A Cake Wreck is any cake that is unintentionally sad, silly, creepy, inappropriate - you name it. A Wreck is not necessarily a poorly-made cake; it's simply one I find funny, for any of a number of reasons. Anyone who has ever smeared frosting on a baked good has made a Wreck at one time or another, so I'm not here to vilify decorators: Cake Wrecks is just about finding the funny in unexpected, sugar-filled places.

Now, don't you have a photo you want to send me? ;)

- Jen

Entries in Literal LOLs (205)

Thursday
Oct252018

Come For The Hippo, Stay For The Barbarian Cream

 

Guys, if you ever want a 3D sculpted cake like this:

 

...and your baker claims she can make a cupcake cake (patooie!) look just like it, DO NOT BELIEVE HER.

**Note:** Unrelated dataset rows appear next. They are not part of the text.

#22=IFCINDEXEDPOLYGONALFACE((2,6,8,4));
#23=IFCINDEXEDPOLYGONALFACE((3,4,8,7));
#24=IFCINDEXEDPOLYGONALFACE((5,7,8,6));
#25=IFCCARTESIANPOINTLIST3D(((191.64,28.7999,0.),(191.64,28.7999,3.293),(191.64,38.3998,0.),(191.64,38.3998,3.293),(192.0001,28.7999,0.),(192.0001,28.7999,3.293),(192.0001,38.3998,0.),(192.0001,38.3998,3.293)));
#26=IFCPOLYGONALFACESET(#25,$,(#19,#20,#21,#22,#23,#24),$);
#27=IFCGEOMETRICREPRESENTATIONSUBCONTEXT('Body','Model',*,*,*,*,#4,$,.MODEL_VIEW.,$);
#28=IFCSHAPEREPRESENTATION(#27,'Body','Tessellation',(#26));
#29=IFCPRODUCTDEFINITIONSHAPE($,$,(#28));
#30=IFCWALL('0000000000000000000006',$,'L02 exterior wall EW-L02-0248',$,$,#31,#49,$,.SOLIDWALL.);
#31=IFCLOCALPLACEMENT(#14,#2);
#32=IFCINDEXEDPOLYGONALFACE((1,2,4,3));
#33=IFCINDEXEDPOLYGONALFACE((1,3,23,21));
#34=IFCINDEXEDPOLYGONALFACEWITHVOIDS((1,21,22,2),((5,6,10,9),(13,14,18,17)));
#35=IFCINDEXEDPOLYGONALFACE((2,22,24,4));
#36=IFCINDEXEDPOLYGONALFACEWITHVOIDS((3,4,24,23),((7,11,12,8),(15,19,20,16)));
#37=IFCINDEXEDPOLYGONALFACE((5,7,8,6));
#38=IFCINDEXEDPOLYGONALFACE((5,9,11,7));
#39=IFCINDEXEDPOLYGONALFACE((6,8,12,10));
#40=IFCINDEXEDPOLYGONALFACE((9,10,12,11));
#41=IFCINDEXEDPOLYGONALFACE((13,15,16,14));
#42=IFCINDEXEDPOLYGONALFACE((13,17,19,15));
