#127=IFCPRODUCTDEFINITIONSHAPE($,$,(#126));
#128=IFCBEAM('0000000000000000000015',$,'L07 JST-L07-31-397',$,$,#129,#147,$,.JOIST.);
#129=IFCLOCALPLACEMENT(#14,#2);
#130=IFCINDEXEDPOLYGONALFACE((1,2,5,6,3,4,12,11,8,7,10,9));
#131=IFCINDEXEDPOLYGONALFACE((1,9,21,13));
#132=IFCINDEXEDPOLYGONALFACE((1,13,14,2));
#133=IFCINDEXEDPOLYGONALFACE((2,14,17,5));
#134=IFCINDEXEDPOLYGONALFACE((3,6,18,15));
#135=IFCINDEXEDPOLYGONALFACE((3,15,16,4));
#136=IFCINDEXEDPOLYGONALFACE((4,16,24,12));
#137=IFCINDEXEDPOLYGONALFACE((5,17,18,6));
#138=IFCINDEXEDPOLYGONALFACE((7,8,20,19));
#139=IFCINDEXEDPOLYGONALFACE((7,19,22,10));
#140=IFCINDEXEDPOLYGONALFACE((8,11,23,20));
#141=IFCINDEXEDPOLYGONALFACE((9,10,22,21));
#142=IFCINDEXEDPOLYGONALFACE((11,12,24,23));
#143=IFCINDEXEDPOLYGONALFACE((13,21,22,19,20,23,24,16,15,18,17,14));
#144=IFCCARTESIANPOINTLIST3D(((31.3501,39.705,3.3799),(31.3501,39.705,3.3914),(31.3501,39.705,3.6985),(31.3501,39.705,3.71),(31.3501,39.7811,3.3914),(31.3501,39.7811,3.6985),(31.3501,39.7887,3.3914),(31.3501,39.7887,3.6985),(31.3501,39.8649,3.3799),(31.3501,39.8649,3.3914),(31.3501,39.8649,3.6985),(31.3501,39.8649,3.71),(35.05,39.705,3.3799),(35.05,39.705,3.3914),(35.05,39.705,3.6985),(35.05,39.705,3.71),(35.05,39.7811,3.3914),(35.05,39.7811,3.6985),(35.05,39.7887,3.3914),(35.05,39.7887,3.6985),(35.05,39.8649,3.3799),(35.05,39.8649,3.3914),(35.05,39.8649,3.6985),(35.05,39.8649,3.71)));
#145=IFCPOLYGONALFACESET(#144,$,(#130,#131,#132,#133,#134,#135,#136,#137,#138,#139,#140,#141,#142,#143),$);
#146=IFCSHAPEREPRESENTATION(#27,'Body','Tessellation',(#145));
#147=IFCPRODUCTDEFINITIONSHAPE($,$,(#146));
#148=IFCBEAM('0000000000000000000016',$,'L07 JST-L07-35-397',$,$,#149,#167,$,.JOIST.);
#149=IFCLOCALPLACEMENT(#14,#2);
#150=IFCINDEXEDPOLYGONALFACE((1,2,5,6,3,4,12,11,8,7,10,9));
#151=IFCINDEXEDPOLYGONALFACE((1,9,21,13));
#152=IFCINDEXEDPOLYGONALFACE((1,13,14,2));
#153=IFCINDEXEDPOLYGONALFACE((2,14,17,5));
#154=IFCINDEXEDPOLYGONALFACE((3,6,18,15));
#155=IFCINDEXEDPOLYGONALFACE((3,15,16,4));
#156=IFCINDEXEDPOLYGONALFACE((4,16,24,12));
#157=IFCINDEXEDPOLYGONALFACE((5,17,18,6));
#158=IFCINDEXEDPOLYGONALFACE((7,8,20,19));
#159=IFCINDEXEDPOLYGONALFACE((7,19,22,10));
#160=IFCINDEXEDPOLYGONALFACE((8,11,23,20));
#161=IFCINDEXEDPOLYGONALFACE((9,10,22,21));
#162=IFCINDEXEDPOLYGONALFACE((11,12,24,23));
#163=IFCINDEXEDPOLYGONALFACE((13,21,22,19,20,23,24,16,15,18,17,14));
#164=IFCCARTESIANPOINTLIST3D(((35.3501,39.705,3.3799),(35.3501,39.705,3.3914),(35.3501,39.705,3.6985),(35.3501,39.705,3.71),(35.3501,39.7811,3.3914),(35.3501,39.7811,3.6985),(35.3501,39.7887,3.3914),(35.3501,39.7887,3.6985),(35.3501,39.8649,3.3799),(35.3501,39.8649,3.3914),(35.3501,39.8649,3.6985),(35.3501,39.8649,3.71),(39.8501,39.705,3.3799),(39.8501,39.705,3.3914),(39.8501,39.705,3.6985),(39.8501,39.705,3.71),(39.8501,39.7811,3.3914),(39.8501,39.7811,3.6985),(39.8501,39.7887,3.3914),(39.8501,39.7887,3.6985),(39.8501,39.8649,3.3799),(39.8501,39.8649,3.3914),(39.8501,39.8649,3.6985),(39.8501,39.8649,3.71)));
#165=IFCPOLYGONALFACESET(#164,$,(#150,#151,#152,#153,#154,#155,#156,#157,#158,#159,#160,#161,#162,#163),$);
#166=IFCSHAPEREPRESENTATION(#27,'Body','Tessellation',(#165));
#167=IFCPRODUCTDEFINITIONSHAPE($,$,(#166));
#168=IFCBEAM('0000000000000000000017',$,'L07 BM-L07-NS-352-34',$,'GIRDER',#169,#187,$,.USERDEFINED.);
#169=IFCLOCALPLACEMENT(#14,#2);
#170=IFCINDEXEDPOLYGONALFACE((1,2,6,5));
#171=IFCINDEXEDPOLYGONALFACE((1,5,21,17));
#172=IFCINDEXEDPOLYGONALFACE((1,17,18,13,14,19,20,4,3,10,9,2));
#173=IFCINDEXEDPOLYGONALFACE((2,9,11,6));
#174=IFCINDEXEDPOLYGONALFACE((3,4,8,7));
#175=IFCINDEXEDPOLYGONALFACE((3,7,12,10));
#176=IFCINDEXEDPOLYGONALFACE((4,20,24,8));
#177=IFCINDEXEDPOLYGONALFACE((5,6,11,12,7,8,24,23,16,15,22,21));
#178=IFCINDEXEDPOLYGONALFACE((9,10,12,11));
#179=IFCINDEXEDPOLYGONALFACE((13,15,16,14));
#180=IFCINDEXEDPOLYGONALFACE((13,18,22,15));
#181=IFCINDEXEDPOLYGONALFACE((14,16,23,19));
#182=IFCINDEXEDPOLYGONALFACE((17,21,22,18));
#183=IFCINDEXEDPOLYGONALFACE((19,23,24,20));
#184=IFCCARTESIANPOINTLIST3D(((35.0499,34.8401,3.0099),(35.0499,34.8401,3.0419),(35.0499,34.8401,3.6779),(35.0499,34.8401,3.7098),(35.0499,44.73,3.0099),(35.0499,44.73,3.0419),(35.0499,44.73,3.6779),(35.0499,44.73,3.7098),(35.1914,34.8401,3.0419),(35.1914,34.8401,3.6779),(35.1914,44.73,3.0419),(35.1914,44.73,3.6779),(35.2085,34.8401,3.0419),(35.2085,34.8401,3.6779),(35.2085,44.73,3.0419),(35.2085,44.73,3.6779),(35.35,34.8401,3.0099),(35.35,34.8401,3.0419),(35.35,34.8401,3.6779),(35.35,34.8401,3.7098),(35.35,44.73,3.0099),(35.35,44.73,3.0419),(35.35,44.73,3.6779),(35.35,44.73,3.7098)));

On the plus side, I hear hippo skin rugs are all the rage now in child therapy sessions.

 ***

 

They asked for a book cake of The Great Gatsby:

NAILED IT.

 ***

 

You know, when *I* was a kid they didn't have all these new-fangled flavored fillings:

 

***

 

"Ok, ma'am, your cake has room for three lines of text."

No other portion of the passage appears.